Where to go from being a young, intermediate Programmer? - bad_alloc

You all know the "Hod do I start?" questions, which are asked by people who want to learn how to program or worse how to "hack". But what happens after you did everything on the list?
I am now seventeen years old, I am fluent in three languages (C++, Python, Lisp), know Linux and Windows quite well, can operate hardware etc. I've also participated in many projects and competitions concerning programming and such. Soon I'll have a traineeship in a IT company producing search engines.
But what should I do until I hit university (apart from improving my English)? Pack on more languages? Continue with Projects on Sourceforge? Do something completely else?

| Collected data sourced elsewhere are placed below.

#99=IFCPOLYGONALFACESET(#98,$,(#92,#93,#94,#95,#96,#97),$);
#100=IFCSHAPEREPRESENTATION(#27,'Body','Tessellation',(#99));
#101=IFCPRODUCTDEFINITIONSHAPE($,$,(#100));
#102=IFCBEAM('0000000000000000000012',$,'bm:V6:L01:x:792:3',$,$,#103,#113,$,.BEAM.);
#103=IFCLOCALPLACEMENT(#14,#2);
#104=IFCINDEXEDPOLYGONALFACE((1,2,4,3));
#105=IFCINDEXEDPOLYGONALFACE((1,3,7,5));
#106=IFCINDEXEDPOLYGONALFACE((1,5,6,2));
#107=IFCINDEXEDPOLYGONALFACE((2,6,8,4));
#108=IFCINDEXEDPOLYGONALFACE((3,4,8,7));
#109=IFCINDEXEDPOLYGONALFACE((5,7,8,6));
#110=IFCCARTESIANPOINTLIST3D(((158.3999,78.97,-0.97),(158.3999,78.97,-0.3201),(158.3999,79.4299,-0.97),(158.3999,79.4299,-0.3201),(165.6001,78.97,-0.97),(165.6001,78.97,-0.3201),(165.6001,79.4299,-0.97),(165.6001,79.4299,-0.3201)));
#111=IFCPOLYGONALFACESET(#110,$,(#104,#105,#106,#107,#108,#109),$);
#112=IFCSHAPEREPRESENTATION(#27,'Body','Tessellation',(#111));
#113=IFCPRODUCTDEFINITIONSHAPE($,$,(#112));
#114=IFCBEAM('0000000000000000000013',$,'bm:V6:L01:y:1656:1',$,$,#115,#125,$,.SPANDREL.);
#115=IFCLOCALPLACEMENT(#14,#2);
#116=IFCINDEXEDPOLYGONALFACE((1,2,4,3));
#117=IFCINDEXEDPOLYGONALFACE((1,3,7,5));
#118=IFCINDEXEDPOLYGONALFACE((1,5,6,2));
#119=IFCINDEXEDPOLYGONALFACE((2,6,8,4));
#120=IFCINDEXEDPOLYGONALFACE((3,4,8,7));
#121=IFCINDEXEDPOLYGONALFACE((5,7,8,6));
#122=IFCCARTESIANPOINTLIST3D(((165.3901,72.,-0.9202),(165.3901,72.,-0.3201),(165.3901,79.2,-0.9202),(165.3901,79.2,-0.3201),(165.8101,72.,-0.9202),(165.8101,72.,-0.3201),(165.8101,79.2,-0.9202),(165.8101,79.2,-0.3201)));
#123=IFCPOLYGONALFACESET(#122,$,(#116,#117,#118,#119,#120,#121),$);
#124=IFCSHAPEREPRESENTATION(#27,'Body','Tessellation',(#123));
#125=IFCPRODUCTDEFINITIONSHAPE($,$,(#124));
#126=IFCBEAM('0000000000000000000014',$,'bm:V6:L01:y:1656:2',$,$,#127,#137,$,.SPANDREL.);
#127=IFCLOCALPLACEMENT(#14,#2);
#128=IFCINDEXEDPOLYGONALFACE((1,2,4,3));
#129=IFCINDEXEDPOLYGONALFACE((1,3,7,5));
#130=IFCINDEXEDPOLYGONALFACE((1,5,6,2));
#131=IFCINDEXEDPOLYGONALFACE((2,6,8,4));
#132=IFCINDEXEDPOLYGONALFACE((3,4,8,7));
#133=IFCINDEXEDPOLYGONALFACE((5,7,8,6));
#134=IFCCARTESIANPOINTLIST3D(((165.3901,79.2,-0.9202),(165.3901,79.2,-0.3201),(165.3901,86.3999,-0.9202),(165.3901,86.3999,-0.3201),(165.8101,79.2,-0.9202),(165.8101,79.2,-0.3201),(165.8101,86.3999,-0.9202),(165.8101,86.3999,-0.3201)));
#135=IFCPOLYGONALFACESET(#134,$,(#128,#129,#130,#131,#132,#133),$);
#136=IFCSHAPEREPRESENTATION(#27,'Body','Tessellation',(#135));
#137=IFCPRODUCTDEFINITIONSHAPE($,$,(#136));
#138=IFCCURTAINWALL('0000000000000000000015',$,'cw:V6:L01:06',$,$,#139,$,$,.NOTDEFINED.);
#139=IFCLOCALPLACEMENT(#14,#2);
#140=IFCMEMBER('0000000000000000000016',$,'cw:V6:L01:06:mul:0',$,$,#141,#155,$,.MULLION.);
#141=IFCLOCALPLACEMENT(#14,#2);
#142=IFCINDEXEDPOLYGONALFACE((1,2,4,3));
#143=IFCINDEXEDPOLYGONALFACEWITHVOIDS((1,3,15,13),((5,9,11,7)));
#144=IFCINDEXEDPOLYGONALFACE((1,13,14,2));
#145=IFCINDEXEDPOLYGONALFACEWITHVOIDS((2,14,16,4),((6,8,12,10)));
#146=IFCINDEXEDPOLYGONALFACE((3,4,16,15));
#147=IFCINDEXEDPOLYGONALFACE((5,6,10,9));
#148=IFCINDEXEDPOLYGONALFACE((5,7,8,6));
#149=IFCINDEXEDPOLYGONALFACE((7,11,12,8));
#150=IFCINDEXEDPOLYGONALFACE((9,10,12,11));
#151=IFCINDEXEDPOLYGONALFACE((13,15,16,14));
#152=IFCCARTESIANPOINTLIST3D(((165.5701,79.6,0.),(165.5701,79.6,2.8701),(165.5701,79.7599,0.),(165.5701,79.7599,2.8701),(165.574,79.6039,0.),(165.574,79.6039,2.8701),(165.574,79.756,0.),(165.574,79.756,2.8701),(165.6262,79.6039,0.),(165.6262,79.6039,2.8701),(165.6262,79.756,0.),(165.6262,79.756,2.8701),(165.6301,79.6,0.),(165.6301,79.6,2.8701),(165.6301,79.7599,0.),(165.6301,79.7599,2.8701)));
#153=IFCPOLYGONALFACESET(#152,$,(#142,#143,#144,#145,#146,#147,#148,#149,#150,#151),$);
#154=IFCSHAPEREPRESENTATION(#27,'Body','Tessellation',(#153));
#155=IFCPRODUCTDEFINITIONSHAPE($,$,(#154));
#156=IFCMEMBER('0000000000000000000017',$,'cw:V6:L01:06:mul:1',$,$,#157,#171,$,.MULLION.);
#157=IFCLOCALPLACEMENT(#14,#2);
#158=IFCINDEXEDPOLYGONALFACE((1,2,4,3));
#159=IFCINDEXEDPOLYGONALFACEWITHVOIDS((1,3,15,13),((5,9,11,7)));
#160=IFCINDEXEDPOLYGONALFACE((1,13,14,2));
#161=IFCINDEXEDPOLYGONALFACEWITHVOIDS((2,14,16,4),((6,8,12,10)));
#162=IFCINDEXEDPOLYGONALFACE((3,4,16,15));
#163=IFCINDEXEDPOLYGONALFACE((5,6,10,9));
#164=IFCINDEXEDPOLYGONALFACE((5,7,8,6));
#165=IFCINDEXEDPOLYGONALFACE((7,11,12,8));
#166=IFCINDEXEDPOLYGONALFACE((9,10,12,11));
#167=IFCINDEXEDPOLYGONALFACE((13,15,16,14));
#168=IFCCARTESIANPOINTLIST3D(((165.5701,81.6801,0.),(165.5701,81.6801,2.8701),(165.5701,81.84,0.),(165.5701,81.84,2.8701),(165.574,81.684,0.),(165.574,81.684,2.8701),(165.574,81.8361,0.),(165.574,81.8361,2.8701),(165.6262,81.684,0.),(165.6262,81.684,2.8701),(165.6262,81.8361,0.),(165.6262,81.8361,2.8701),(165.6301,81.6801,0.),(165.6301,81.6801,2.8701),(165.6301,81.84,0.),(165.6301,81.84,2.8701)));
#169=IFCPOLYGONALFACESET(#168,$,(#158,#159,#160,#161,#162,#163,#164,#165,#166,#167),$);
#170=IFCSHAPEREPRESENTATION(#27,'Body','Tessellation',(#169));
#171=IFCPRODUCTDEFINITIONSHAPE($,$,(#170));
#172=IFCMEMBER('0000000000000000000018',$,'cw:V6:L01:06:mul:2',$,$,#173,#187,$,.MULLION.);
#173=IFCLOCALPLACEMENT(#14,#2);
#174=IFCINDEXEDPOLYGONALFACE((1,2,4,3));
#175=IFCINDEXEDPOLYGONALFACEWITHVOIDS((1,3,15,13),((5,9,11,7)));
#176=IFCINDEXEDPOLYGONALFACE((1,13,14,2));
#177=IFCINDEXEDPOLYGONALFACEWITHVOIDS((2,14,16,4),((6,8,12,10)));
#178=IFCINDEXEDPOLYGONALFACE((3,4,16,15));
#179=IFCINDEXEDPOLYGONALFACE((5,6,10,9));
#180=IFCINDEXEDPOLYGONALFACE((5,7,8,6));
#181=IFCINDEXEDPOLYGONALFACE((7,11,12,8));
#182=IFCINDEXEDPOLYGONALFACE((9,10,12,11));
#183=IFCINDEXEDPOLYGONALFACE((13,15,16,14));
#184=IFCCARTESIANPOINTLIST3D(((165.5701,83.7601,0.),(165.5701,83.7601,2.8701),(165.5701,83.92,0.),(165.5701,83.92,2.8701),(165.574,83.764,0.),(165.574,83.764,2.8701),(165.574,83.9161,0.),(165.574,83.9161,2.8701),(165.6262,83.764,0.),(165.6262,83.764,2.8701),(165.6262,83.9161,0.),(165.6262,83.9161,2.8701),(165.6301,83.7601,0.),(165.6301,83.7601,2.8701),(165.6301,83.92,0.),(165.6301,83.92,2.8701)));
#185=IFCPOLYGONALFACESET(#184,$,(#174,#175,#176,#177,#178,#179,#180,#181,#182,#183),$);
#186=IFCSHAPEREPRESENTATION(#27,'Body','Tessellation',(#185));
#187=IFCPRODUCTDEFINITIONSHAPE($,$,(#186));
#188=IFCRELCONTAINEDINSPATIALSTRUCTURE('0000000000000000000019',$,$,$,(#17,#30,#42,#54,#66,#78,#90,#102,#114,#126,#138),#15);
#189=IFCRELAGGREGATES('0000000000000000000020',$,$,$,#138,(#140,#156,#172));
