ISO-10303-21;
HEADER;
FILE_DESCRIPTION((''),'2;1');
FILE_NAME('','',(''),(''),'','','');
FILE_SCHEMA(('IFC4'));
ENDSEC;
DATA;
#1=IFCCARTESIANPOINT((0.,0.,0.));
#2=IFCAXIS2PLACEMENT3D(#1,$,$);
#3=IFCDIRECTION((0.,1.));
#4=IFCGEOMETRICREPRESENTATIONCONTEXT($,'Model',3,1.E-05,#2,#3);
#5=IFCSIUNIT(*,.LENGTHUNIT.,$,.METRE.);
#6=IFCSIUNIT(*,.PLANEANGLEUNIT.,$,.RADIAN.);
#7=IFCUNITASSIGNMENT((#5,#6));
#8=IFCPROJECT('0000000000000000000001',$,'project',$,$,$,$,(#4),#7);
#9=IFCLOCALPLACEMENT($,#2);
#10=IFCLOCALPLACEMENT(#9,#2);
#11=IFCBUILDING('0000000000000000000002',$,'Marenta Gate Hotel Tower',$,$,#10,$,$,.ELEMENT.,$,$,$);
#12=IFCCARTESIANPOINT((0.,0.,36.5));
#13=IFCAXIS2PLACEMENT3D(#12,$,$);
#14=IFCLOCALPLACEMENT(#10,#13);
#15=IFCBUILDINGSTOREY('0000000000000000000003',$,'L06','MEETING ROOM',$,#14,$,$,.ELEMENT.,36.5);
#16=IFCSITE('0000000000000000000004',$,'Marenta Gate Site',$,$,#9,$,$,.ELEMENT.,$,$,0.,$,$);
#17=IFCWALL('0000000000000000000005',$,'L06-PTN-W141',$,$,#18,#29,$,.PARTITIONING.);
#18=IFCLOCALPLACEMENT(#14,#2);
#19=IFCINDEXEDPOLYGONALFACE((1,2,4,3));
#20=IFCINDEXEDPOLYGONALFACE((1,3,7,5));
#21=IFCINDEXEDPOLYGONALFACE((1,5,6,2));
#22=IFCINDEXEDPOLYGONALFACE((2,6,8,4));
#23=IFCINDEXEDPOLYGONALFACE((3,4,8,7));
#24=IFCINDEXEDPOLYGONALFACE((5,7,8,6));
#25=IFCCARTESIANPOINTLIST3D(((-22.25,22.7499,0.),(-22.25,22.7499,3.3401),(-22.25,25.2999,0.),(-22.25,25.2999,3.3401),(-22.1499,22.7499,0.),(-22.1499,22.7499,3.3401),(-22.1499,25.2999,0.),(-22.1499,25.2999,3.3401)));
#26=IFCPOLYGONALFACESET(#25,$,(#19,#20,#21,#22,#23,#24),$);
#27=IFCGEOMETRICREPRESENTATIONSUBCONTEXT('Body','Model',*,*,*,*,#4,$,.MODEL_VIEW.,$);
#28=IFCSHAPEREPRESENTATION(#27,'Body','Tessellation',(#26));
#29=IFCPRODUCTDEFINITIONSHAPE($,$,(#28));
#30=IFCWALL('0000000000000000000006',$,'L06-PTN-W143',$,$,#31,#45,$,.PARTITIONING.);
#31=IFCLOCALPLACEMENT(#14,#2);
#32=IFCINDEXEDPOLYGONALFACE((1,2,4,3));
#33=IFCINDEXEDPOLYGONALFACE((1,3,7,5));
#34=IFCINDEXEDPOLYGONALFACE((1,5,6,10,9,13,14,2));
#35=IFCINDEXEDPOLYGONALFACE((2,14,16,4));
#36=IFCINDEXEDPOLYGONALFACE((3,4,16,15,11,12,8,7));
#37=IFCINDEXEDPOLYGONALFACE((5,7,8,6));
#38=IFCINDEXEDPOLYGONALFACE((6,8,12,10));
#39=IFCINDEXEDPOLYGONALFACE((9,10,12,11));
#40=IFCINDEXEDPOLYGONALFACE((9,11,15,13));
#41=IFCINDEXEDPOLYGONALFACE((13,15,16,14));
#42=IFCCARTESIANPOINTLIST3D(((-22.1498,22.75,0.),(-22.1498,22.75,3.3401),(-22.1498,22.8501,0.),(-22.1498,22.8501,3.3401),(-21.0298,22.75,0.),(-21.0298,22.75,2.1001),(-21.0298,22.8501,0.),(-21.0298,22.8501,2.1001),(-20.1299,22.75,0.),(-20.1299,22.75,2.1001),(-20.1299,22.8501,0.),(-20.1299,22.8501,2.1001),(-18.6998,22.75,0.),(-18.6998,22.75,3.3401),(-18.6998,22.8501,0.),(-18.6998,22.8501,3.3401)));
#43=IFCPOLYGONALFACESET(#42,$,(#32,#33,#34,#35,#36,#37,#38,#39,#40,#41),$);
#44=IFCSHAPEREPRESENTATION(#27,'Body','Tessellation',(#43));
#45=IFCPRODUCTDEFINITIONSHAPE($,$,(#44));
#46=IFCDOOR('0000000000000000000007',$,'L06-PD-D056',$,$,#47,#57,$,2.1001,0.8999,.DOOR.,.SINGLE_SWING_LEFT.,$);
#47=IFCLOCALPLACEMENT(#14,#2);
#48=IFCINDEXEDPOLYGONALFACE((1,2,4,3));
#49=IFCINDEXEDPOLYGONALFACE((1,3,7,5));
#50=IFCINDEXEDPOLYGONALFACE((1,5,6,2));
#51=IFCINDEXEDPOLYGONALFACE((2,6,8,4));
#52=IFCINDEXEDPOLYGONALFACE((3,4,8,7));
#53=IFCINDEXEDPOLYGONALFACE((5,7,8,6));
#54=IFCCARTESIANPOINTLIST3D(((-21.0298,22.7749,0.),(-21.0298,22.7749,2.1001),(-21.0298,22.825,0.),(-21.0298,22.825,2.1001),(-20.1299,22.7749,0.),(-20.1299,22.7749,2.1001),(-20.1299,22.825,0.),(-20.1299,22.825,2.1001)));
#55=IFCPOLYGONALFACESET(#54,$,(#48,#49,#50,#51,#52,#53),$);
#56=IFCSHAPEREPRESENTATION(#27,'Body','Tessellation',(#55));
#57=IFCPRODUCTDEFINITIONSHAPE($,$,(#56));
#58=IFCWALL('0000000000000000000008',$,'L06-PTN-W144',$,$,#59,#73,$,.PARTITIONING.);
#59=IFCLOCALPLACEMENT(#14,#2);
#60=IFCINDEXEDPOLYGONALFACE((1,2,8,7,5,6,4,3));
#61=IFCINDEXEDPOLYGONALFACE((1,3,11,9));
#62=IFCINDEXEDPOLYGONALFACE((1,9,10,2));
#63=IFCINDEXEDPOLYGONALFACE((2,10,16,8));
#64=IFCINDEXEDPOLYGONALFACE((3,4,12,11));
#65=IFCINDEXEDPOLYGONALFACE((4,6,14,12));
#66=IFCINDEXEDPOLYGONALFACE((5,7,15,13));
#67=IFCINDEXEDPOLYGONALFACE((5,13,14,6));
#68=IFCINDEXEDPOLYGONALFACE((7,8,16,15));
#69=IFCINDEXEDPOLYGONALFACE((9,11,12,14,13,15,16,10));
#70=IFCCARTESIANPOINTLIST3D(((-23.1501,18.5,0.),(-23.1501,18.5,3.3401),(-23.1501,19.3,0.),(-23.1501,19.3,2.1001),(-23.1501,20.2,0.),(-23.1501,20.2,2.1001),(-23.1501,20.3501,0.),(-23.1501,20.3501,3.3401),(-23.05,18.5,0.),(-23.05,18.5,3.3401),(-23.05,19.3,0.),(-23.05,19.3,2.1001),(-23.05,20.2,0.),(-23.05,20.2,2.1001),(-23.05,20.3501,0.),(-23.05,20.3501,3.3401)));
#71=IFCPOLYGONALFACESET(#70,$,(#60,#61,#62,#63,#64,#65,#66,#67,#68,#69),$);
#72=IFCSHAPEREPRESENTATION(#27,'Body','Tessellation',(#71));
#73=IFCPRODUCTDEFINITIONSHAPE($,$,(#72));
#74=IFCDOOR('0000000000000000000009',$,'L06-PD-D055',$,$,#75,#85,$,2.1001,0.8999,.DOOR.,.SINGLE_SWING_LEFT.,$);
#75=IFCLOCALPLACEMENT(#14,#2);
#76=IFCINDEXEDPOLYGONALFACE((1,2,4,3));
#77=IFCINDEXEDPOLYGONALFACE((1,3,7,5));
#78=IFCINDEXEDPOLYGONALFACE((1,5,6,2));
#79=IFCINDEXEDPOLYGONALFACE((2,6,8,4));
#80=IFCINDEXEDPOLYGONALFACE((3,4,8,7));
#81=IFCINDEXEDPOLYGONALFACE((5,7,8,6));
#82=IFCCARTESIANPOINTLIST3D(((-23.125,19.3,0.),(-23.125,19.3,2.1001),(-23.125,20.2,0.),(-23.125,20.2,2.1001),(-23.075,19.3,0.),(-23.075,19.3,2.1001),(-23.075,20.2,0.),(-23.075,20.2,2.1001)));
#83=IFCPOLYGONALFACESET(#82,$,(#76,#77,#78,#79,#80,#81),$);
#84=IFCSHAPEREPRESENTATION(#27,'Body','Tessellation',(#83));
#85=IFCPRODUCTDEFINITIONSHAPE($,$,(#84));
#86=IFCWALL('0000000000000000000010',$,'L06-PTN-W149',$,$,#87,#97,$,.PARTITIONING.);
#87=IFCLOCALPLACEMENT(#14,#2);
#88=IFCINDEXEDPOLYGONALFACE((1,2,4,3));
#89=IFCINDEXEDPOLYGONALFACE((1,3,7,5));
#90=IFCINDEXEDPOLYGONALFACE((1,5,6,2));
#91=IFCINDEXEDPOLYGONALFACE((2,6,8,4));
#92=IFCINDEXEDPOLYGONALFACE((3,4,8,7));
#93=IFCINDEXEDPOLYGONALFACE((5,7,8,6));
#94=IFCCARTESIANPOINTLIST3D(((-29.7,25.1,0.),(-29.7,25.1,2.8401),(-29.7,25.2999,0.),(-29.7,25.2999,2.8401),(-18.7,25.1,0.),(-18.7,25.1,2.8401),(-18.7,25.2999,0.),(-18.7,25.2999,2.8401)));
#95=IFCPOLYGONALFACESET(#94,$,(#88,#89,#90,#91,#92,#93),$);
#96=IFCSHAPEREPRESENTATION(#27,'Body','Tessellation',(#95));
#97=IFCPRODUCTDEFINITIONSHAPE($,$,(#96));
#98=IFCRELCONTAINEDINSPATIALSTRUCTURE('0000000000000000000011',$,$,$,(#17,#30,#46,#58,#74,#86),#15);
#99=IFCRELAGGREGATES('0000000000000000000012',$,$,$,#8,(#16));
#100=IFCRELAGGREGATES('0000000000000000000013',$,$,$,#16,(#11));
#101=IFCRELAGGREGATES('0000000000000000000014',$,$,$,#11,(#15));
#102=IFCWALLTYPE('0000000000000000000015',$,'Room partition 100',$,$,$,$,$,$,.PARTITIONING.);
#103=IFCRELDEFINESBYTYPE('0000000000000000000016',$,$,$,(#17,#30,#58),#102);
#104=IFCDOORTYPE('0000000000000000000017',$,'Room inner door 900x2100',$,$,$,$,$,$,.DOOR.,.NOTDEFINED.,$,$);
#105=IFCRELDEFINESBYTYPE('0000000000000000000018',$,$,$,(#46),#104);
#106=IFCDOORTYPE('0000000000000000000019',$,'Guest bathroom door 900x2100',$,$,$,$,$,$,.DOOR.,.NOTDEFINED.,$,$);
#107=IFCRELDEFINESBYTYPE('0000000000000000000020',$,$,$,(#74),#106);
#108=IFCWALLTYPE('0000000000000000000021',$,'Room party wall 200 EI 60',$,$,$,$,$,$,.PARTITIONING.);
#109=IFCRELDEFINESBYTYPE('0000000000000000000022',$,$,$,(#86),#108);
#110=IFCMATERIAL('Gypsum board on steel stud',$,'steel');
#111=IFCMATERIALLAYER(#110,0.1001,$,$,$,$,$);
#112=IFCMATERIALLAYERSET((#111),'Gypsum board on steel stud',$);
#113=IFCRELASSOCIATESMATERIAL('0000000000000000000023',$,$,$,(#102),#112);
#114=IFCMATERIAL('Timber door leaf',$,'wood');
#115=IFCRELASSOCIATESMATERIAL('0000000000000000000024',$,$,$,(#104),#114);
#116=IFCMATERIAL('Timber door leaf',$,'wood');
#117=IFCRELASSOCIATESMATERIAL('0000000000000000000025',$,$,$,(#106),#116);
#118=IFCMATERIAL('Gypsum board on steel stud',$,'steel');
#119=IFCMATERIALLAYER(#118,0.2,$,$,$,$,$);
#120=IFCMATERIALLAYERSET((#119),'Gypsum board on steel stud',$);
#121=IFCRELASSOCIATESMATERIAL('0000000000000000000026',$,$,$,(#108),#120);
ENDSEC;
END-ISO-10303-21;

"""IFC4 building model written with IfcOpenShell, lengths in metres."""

from ifc_helpers import new_model, si_unit, direction, frame, frame_2d, origin, place, context, subcontext, project, spatial, rectangle, extrude, material, layer, layer_set, type_object, element, fill, save


model = new_model("IFC4")

# Units and contexts
model_context = context("Model", 3, precision=1e-05, world=origin(), true_north=direction((0.0, 1.0)))
body_context = subcontext(model_context, "Body", "Model", "MODEL_VIEW")
ifc_project = project(units=[si_unit("LENGTHUNIT", "METRE"), si_unit("PLANEANGLEUNIT", "RADIAN")], contexts=[model_context])

# Site, building, storey
site_placement = place(None, origin())
site = spatial("IfcSite", under=ifc_project, at=site_placement, Name="Marenta Gate Site", CompositionType="ELEMENT", RefElevation=0.0)
building_placement = place(site_placement, origin())
building = spatial("IfcBuilding", under=site, at=building_placement, Name="Marenta Gate Hotel Tower", CompositionType="ELEMENT")
storey_placement = place(building_placement, frame((0.0, 0.0, 36.5)))
storey = spatial("IfcBuildingStorey", under=building, at=storey_placement, Name="L06", Description="MEETING ROOM", CompositionType="ELEMENT", Elevation=36.5)

# Wall
ifc_material_1 = material(Name="Gypsum board on steel stud", Category="steel")
ifc_layer_1 = layer(ifc_material_1, 0.1001)
ifc_layer_set_1 = layer_set([ifc_layer_1], Name="Gypsum board on steel stud")
wall_type_1 = type_object("IfcWallType", Name="Room partition 100", PredefinedType="PARTITIONING", material=ifc_layer_set_1)
wall_1_placement = place(storey_placement, frame((-22.2, 22.75, 0.0), z_axis=(0.0, 0.0, 1.0), x_axis=(0.0, 1.0, 0.0)))
element("IfcWall", 1, at=wall_1_placement, inside=storey, type_object=wall_type_1, Name="L06-PTN-W141", PredefinedType="PARTITIONING", context=body_context, shape_type="SweptSolid", body=[
    extrude(rectangle(XDim=2.55, YDim=0.1001, at=frame_2d((1.2749, 0.0))), origin(), (0.0, 0.0, 1.0), 3.3401),
])

# Walls, openings, doors
wall_2_placement = place(storey_placement, frame((-22.1499, 22.8, 0.0), z_axis=(0.0, 0.0, 1.0), x_axis=(1.0, 0.0, 0.0)))
wall_2 = element("IfcWall", 2, at=wall_2_placement, inside=storey, type_object=wall_type_1, Name="L06-PTN-W143", PredefinedType="PARTITIONING", context=body_context, shape_type="SweptSolid", body=[
    extrude(rectangle(XDim=3.45, YDim=0.1001, at=frame_2d((1.7251, 0.0))), origin(), (0.0, 0.0, 1.0), 3.3401),
])
opening_1_placement = place(wall_2_placement, frame((1.1201, 0.0, 0.0)))
opening_1 = element("IfcOpeningElement", 3, at=opening_1_placement, cuts=wall_2, PredefinedType="OPENING", context=body_context, shape_type="SweptSolid", body=[
    extrude(rectangle(XDim=0.8999, YDim=2.1001, at=frame_2d((0.45, 1.05))), frame((0.0, 0.05, 0.0), z_axis=(0.0, -1.0, 0.0), x_axis=(1.0, 0.0, 0.0)), (0.0, 0.0, 1.0), 0.1001),
])
ifc_material_2 = material(Name="Timber door leaf", Category="wood")
door_type_1 = type_object("IfcDoorType", Name="Room inner door 900x2100", OperationType="NOTDEFINED", PredefinedType="DOOR", material=ifc_material_2)
door_1_placement = place(opening_1_placement, origin())
door_1 = element("IfcDoor", 4, at=door_1_placement, inside=storey, type_object=door_type_1, Name="L06-PD-D056", OperationType="SINGLE_SWING_LEFT", OverallHeight=2.1001, OverallWidth=0.8999, PredefinedType="DOOR", context=body_context, shape_type="SweptSolid", body=[
    extrude(rectangle(XDim=0.8999, YDim=2.1001, at=frame_2d((0.45, 1.05))), frame((0.0, 0.0249, 0.0), z_axis=(0.0, -1.0, 0.0), x_axis=(1.0, 0.0, 0.0)), (0.0, 0.0, 1.0), 0.05),
])
fill(opening_1, door_1)
wall_3_placement = place(storey_placement, frame((-23.1001, 18.5, 0.0), z_axis=(0.0, 0.0, 1.0), x_axis=(0.0, 1.0, 0.0)))
wall_3 = element("IfcWall", 5, at=wall_3_placement, inside=storey, type_object=wall_type_1, Name="L06-PTN-W144", PredefinedType="PARTITIONING", context=body_context, shape_type="SweptSolid", body=[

How would a professional answer the question "How do I continue from here on?"?
======
TeHCrAzY
I'd take a stab that other things will not be as easy (for you) to pick up as
a new programming language. You're on the right track with learning better
english (if you feel its a weakness), think of other things that you consider
hard (sometimes thinking of "boring" things can point out what you're bad at
too) and target them.

------
amitm
I was in the same position a few years ago. My advice is to build as much as
you can; open-source/your own projects, it doesn't matter. The main thing is
that the stuff you build should be interesting to you. You will be more
motivated if its stuff you enjoy and you will become a better programmer

------
gruseom
If I were you I would dive into multiple open-source projects. That's a way to
gain in both expertise and credibility, and it positions you to make money
doing interesting work over time.